WizardLM: Empowering Large Language Models to Follow Complex Instructions (2304.12244v2)

Published 24 Apr 2023 in cs.CL and cs.AI

Abstract: Training LLMs with open-domain instruction following data brings colossal success. However, manually creating such instruction data is very time-consuming and labor-intensive. Moreover, humans may struggle to produce high-complexity instructions. In this paper, we show an avenue for creating large amounts of instruction data with varying levels of complexity using LLM instead of humans. Starting with an initial set of instructions, we use our proposed Evol-Instruct to rewrite them step by step into more complex instructions.
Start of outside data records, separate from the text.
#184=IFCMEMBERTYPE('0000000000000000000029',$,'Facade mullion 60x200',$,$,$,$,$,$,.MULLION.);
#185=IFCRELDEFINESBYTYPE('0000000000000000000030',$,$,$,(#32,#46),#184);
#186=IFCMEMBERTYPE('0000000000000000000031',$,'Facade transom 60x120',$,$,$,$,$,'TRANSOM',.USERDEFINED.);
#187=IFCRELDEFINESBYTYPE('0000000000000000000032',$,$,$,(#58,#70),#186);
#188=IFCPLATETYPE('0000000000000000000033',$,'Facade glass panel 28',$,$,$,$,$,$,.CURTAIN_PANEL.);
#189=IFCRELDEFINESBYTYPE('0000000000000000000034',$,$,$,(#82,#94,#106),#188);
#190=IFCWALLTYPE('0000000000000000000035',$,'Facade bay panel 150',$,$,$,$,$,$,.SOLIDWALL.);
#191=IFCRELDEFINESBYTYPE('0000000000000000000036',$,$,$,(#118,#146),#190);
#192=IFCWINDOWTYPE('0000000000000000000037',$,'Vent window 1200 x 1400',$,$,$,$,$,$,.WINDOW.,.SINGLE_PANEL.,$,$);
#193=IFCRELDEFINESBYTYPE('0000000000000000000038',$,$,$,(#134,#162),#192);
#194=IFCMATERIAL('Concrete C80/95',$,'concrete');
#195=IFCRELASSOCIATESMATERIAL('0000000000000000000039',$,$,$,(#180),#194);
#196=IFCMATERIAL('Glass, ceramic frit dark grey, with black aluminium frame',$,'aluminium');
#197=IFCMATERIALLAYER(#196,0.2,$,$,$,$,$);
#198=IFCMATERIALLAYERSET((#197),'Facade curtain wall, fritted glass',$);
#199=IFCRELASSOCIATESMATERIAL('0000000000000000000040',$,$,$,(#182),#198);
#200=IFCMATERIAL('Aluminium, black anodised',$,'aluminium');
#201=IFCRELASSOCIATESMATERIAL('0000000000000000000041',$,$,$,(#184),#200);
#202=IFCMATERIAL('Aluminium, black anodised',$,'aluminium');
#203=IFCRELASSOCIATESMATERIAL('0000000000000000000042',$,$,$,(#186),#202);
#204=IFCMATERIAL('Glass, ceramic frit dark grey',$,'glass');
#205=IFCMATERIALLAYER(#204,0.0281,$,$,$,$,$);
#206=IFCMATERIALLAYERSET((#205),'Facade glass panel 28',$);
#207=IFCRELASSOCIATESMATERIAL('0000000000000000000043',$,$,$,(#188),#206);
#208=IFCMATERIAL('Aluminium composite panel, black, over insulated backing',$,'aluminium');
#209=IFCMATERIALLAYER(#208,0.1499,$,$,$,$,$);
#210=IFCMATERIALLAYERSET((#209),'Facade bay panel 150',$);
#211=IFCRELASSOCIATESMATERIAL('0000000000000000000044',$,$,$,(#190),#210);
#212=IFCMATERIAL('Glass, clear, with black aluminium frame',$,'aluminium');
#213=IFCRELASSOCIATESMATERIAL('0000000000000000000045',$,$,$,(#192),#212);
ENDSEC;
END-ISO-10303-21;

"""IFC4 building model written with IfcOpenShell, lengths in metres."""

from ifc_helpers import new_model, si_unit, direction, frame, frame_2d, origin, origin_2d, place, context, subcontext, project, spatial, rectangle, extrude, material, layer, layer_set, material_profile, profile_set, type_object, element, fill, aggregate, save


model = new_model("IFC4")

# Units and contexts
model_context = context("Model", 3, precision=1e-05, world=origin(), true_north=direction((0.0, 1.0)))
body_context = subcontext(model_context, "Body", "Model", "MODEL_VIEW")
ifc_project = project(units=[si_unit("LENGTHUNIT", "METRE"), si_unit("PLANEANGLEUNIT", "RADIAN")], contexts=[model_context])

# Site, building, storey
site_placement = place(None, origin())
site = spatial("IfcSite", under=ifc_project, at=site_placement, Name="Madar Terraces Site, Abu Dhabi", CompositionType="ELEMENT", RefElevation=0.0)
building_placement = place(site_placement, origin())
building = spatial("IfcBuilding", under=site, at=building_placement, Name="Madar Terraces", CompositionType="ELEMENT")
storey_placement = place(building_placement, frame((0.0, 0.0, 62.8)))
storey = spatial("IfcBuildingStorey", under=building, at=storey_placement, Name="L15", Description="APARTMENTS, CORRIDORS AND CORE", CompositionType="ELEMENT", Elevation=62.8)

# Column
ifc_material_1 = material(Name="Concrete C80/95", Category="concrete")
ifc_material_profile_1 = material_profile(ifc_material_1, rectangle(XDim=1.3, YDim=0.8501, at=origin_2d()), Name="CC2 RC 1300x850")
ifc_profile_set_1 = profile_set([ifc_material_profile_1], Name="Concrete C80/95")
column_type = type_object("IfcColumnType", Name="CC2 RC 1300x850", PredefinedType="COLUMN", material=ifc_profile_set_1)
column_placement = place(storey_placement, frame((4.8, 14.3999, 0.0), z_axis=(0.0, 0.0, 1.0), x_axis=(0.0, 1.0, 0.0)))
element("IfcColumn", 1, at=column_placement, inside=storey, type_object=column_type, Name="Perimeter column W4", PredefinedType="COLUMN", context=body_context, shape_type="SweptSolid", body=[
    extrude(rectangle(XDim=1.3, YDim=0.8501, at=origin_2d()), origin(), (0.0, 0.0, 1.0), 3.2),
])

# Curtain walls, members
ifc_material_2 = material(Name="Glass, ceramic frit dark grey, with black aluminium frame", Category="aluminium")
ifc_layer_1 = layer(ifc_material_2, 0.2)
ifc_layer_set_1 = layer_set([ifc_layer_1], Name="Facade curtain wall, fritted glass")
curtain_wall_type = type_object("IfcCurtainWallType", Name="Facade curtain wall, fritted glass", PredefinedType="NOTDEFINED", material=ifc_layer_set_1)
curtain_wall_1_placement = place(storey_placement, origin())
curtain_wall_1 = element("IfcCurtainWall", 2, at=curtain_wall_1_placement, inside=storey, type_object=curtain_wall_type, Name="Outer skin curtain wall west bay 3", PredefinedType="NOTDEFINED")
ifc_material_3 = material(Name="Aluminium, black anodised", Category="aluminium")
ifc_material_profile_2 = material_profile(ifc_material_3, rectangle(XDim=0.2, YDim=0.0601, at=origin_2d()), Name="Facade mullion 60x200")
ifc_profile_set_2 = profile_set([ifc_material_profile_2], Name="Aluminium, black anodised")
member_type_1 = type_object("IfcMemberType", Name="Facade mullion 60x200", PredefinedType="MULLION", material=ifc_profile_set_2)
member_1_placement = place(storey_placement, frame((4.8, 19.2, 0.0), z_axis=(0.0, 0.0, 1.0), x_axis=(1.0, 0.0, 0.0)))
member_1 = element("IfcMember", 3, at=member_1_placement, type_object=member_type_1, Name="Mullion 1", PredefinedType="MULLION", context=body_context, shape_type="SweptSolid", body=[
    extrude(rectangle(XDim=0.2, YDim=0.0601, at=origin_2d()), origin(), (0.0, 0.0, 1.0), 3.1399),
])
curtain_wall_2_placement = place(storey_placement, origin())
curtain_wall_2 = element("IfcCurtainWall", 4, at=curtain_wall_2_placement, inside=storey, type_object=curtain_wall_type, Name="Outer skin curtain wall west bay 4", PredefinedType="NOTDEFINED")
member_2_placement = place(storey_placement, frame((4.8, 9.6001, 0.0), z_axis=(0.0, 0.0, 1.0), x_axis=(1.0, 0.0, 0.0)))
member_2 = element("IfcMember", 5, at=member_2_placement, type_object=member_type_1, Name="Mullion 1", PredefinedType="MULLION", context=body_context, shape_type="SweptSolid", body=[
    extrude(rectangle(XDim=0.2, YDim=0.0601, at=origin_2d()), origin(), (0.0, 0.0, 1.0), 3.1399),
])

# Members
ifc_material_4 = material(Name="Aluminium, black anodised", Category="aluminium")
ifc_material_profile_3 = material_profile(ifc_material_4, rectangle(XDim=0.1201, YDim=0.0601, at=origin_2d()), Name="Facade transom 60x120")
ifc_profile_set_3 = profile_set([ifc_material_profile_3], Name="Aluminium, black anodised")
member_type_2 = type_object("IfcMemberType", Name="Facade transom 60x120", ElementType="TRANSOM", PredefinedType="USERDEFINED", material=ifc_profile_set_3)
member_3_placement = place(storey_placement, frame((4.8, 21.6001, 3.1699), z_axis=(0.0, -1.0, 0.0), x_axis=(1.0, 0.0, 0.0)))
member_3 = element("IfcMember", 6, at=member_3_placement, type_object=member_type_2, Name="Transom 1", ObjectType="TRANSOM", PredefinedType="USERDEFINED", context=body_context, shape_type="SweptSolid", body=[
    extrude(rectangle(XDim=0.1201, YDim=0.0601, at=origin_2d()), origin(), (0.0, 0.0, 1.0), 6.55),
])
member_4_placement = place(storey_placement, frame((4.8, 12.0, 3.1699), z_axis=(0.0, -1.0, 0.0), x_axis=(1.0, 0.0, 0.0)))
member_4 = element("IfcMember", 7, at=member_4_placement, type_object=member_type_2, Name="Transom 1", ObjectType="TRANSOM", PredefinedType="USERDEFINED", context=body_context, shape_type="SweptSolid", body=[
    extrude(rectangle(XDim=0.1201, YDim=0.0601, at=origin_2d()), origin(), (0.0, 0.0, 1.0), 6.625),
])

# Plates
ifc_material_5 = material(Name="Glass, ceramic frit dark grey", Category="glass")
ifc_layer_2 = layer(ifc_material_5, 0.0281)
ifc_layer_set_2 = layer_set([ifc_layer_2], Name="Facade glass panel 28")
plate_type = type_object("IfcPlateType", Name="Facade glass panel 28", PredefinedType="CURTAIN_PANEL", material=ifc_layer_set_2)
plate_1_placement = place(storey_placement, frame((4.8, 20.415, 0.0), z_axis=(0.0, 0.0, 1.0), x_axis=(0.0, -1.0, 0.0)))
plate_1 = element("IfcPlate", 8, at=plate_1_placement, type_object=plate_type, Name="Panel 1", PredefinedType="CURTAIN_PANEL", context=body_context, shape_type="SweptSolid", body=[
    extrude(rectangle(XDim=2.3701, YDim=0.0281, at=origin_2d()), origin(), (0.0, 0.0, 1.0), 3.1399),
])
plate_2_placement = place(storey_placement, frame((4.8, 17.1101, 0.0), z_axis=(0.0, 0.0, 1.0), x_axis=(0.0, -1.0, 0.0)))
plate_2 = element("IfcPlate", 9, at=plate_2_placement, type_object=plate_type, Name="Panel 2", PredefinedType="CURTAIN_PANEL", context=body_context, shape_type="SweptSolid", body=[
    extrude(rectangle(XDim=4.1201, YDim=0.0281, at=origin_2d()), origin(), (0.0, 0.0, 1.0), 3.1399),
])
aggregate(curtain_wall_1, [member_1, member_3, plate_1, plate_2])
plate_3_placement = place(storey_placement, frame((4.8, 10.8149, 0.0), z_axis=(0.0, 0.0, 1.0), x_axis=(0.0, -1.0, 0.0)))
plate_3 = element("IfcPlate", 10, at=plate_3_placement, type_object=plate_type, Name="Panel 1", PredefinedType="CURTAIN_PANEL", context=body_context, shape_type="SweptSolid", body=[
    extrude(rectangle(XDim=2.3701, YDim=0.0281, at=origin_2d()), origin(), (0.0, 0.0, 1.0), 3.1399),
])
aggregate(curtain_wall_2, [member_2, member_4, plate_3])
Then, we mix all generated instruction data to fine-tune LLaMA. We call the resulting model WizardLM. Human evaluations on a complexity-balanced test bed and Vicuna's testset show that instructions from Evol-Instruct are superior to human-created ones. By analyzing the human evaluation results of the high complexity part, we demonstrate that outputs from our WizardLM are preferred to outputs from OpenAI ChatGPT. In GPT-4 automatic evaluation, WizardLM achieves more than 90\% capacity of ChatGPT on 17 out of 29 skills. Even though WizardLM still lags behind ChatGPT in some aspects, our findings suggest that fine-tuning with AI-evolved instructions is a promising direction for enhancing LLMs. Our code and data are public at https://github.com/nlpxucan/WizardLM

PDF Abstract

Overview of "WizardLM: Empowering LLMs to Follow Complex Instructions"

In the field of NLP, LLMs have proven adept at a variety of tasks, from generating coherent text to answering complex queries. However, their efficacy is often limited by their ability to follow user-specified instructions, particularly when those instructions are complex. The paper "WizardLM: Empowering LLMs to Follow Complex Instructions" addresses this limitation by introducing an innovative approach to generating complex instruction data for LLM training.

Methodology: Evol-Instruct

The crux of the paper's proposed method, termed Evol-Instruct, is the automated generation of complex instruction data using existing LLMs rather than human annotators, which is traditionally a resource-intensive process. The authors employ an iterative process that begins with a basic set of instructions. These instructions are then submitted to the Evol-Instruct system where they are progressively rewritten into more complex directives through a two-pronged approach: in-depth and in-breadth evolving.

In-depth Evolving: This involves five specific operations designed to increase the complexity:
- Adding constraints
- Deepening (increasing the level of inquiry)
- Concretizing (using more specific terms)
- Increasing reasoning steps
- Complicating input (adding complex input formats like code or data tables)
In-breadth Evolving: This generates new instructions based on the themes of the initial set to diversify the instruction set's topic coverage.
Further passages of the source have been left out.